The culprit in Greece
Bad choices in history and bad examples among other countries should offer good lessons.
Korea was under the so-called “Japanization” spook throughout last year. Both inflation and growth were low, and snowballing public debt cast a gloom over the economy. Leaders, including the president and deputy prime minister for the economy, joined the frightening mantra that we were heading for decades of stagnation. Despite all the alarms, no substantial actions were taken. Instead, we could not hide our envy as we watched Japan come out the other side of the depression tunnel.
Another specter is taking shape. This year, we may hear a lot about “Hellenization” - or the prospect of becoming another Greece. With much anticipated and needed reform in the public employees’ pension program stumbling, the possibility may not be entirely overblown. We were utterly disappointed at the outcome after all the cries and promises of reform from the president.
What has led to the economic mess in Greece? Some point to the deficit-ridden 2004 Athens Olympics and others to a slack and rash monetary union or rampant corruption. A myriad of dysfunctions and problems led to its crisis. Some also cite excessive social welfare as one reason, but that is not entirely correct. It is more of a plethora of preferential welfare. At the heart of the Greek problems lie government employees.
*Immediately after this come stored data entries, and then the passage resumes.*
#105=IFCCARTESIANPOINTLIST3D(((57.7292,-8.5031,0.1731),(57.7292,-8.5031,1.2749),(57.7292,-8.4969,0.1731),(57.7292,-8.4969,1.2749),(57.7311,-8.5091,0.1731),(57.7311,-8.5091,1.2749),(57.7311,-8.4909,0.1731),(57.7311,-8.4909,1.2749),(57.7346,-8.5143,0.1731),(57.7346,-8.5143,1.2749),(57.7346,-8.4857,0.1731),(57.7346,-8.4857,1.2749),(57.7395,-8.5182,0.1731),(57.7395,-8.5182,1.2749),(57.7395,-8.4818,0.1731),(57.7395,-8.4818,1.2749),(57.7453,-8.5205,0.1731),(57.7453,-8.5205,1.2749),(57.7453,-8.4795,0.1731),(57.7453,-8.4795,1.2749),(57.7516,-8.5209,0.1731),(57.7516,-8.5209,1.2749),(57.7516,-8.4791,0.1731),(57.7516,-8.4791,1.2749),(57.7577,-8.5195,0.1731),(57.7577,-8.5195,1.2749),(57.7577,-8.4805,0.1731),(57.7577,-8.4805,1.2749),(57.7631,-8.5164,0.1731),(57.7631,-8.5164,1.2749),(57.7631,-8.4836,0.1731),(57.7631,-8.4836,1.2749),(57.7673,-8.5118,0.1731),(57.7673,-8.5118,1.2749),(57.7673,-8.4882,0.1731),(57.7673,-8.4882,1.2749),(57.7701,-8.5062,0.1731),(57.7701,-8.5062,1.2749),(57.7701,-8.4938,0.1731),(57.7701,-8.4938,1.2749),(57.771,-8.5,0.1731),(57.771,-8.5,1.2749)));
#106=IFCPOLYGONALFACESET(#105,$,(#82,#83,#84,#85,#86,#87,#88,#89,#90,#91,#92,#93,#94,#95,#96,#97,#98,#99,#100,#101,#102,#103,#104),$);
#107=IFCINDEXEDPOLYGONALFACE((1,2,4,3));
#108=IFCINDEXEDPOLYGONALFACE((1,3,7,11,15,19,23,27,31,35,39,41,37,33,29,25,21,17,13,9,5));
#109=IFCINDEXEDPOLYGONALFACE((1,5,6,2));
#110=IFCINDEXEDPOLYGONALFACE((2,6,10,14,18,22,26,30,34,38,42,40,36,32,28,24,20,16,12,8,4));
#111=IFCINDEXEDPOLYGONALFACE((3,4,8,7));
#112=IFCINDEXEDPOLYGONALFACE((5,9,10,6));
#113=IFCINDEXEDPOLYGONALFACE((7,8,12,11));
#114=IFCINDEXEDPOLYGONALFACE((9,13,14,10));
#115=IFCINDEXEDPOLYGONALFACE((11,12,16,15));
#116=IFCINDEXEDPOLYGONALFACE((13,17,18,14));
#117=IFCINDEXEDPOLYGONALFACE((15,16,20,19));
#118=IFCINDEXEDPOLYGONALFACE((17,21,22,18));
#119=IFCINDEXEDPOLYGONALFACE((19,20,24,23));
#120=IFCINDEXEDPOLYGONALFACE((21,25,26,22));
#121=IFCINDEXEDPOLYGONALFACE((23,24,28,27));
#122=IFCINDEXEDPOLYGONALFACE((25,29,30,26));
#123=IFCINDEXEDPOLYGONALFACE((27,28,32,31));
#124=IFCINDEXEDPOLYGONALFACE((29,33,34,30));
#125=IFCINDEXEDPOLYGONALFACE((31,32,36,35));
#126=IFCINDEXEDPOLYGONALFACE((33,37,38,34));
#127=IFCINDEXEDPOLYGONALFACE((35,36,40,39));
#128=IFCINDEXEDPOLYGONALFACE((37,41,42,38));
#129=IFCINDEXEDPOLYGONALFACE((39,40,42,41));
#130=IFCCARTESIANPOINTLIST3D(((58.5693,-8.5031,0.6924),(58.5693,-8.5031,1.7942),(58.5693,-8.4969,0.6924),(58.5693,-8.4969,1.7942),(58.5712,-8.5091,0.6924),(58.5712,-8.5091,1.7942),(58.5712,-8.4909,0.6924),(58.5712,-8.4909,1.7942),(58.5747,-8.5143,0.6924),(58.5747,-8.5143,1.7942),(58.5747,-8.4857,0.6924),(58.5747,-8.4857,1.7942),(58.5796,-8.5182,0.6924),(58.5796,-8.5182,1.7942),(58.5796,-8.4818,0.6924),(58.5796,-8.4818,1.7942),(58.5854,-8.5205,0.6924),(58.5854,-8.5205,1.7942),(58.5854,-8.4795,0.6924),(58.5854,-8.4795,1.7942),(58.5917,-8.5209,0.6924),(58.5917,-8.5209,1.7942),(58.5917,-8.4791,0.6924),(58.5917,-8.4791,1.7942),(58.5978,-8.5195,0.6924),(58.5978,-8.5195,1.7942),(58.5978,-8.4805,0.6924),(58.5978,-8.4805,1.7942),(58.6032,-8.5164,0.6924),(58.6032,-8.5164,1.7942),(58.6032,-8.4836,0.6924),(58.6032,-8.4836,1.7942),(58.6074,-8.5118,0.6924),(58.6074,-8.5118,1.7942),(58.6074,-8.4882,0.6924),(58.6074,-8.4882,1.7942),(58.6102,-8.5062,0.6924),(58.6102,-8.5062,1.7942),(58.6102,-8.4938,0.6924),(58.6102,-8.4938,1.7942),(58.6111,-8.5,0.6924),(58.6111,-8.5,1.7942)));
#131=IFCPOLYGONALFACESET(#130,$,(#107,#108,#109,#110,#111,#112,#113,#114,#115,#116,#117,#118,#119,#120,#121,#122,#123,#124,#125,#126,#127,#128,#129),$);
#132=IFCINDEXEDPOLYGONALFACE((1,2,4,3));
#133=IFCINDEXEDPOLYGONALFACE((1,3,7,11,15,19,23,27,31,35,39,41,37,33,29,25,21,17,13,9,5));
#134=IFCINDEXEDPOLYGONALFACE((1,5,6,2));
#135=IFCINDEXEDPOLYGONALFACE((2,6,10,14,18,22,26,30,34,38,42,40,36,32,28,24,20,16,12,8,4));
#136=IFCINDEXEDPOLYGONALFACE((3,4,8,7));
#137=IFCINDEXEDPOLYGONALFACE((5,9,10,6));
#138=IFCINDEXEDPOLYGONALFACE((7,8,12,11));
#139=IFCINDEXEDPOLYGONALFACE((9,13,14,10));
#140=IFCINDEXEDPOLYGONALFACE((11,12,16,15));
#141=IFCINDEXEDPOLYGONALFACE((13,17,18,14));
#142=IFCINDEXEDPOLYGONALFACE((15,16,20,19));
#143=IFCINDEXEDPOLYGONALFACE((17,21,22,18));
Greece’s spending on social welfare was 20.6 percent of its gross domestic product in 2007, before the global economy was swept up in a financial crisis that took a heavier toll on countries with high public debt. Greece’s share of welfare spending was higher than ours (10.4 percent), but sharply lower than France (34.9 percent), Britain (25.9 percent) and the average of 27 eurozone countries (26.9 percent). Its spending pales when compared to northern European countries that set aside a third of their budgets for social welfare. So it is wrong to blame Greek troubles on excessive social welfare. There is a deeper cause.
Government employees are the culprit. The Greek legislative body is comprised of multiple parties. Political power is divided among two major ones and three smaller ones. The political landscape changes after every election. Due to longstanding apathy and distrust of politics, voter turnout hovers below 50 percent. Whoever has the most loyal and organized voting base becomes the winner under such a weak structure. And who better fits that category than government employees? It is why Greek politicians mostly campaign to win the votes of government employees.
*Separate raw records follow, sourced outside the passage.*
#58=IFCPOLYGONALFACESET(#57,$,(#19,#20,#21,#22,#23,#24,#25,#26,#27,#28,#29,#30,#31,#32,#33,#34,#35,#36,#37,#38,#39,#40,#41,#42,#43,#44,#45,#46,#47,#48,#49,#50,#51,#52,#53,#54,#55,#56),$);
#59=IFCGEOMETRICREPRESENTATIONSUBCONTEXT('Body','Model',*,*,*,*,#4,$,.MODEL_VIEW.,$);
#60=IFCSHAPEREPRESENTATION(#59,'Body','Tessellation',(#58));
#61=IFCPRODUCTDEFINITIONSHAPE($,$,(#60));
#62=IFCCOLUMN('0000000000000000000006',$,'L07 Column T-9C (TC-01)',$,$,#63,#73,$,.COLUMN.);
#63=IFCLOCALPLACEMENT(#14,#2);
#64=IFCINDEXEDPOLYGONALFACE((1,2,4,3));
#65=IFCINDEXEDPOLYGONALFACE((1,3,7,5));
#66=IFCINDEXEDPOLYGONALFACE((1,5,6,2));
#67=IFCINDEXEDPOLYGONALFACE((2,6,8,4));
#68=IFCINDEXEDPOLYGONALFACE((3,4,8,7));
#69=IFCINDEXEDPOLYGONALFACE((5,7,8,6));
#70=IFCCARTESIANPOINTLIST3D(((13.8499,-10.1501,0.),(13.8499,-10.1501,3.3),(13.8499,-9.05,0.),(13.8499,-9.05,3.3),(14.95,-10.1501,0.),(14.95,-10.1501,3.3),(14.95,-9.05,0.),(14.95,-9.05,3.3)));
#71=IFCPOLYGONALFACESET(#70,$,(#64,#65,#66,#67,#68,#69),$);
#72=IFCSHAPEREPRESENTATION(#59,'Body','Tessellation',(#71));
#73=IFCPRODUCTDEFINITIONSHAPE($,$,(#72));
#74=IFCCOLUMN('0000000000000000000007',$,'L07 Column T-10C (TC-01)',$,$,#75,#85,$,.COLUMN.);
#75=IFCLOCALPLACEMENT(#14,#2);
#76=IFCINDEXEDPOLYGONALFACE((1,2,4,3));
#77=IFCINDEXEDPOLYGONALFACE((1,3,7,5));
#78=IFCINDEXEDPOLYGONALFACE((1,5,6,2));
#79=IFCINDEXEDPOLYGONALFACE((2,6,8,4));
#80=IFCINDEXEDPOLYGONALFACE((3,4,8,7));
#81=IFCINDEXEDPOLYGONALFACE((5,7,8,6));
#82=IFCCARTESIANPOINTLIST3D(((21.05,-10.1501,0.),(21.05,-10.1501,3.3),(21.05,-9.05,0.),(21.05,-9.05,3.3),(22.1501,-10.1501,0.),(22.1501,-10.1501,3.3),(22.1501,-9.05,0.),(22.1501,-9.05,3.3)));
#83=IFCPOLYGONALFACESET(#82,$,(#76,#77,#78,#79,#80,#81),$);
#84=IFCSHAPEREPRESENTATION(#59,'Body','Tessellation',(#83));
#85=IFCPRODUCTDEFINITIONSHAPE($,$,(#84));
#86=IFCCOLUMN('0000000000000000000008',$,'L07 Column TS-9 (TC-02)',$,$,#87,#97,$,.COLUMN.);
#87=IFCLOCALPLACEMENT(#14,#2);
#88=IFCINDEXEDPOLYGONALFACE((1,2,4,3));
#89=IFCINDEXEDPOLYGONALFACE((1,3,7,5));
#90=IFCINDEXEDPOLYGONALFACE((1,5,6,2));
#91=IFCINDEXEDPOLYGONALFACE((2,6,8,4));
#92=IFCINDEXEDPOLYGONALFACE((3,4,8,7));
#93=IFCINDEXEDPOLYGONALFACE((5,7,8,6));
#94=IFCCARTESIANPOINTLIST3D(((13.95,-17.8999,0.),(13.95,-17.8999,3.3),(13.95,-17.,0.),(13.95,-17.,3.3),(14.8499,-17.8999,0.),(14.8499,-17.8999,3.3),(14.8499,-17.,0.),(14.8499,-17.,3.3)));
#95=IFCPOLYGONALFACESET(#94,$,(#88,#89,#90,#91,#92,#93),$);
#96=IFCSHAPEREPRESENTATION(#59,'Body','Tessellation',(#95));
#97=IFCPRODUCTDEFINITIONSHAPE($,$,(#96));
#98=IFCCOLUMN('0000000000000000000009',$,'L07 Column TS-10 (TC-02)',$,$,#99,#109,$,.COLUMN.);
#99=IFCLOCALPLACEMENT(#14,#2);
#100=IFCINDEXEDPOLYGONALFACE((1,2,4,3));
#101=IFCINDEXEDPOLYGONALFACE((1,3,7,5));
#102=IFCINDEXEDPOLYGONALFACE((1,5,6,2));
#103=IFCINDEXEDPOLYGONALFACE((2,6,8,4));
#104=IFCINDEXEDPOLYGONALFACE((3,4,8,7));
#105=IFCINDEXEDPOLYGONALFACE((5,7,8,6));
Greek government employees enjoy the best perks and working conditions in the world. They report to work at 8.30 a.m. and go home at 2:30 in the afternoon. Because people rarely come to work on time, those who do are entitled to additional pay. Monthly salaries to 850,000 government employees take up over 50 percent of the country’s GDP.
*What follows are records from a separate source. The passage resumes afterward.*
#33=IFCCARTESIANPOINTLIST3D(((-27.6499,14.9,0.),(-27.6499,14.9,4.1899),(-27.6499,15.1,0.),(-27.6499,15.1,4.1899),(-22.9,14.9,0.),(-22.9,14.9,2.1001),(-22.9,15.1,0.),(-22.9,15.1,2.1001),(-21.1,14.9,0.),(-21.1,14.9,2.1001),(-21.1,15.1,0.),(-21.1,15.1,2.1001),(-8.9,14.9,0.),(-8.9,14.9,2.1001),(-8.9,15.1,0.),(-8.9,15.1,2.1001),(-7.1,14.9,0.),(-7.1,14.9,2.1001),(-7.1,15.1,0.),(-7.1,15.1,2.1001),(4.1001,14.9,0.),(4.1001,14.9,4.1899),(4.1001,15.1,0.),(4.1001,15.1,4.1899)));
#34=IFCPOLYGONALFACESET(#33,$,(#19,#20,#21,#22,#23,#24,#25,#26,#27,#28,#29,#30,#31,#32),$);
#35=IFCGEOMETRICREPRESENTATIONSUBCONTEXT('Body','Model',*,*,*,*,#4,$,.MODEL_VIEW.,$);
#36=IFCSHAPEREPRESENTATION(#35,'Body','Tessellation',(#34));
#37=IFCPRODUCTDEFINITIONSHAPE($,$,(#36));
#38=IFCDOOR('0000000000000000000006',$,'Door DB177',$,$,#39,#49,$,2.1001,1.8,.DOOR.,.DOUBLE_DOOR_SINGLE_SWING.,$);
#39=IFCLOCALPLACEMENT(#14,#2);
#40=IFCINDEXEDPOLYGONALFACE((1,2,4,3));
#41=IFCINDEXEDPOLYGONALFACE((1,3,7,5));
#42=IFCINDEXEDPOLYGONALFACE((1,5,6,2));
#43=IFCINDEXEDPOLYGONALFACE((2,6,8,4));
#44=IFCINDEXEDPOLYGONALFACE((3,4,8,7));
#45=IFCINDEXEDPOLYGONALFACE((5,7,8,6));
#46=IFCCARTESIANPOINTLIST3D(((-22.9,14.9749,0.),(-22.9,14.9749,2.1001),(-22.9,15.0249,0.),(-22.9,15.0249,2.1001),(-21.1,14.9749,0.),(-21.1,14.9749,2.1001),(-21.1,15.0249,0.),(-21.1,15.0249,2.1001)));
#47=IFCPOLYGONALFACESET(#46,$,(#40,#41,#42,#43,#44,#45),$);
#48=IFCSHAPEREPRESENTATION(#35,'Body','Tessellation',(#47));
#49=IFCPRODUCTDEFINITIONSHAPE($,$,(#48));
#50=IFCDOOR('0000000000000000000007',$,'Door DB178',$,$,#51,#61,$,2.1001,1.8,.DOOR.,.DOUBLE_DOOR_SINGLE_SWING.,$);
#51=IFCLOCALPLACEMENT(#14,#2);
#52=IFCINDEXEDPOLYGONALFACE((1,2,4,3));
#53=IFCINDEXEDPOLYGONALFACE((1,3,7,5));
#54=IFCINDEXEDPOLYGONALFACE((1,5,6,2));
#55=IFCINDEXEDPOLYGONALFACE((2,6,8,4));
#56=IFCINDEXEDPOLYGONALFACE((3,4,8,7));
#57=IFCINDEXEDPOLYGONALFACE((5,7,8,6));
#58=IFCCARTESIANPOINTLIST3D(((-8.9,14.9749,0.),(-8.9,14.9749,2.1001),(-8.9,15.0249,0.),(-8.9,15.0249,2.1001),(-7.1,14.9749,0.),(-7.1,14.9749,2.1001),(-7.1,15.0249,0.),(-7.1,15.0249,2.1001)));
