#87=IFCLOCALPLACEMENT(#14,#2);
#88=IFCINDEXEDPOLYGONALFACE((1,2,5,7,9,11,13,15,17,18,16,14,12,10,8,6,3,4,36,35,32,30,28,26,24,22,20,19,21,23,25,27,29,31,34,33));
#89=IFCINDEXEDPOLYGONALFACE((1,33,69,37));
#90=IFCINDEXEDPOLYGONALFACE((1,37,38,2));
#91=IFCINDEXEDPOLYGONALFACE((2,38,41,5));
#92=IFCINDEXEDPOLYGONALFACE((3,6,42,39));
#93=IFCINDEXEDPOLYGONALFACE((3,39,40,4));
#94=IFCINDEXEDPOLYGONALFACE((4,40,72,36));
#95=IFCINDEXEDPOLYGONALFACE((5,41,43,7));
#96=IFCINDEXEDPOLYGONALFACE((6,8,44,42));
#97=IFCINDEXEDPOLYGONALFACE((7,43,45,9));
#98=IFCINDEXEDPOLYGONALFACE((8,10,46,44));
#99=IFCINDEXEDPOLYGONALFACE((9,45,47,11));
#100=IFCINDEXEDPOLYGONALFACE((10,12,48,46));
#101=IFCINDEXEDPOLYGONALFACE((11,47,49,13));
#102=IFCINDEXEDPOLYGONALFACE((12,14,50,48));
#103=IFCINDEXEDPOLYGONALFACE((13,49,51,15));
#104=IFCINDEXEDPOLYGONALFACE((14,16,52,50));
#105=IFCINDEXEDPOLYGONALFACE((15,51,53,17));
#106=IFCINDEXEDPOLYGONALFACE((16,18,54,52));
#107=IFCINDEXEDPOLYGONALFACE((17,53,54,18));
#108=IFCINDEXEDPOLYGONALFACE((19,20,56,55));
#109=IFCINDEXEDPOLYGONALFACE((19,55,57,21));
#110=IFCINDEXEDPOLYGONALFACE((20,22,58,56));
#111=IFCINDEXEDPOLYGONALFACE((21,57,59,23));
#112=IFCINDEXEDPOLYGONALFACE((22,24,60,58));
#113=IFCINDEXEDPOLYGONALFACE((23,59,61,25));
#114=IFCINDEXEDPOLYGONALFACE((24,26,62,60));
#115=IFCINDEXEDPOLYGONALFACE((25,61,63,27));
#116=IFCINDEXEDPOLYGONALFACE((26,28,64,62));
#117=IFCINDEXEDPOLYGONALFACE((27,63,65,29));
One in 10 working people is on the state payroll - five times the number in Britain. They get the equivalent of 14 months pay a year and enjoy a paid break for at least a month. At 58, they retire and receive pensions amounting to 98 percent of what they earned when working.
Greece joined the ranks of welfare states because of its generous pension system for government employees. But the benefits are strictly limited to government employees. The European Union and International Monetary Fund demanded a scaling back of the number of government employees and pension system as a condition for bailout funds.
If the compensation for government employees is not corrected, no bailout can save Greece. The opposition to reform plans largely comes from government employees. The country is in disarray because government employees and general masses are forever blaming each other for the fiscal mess.
Are we any different? There are 1.1 million government employees, about 6 percent of the working population. Some may argue that the number is an affordable size. They do not enjoy benefits comparable to those of their Greek counterparts. But history repeats itself because lessons are not learned. If there is enough money in the coffers, extra spending might be permissible.
But the problem is that Korea cannot afford such extravagance. If the universal welfare programs that sprawled during the last elections are sustained, Korea will exceed Greece’s welfare spending in two decades. If the government employees’ pension scheme is kept as it is under the feigned redesign outline, it would demand 1,654 trillion won ($1,518 billion) from tax funds to make up for the losses over the next 70 years. Korean taxpayers could go poor trying to support retired government employees. Going down the Greek path will lead to a doom of our own.
JoongAng Ilbo, May 7, Page 34
*The author is an editorial writer of the JoongAng Ilbo.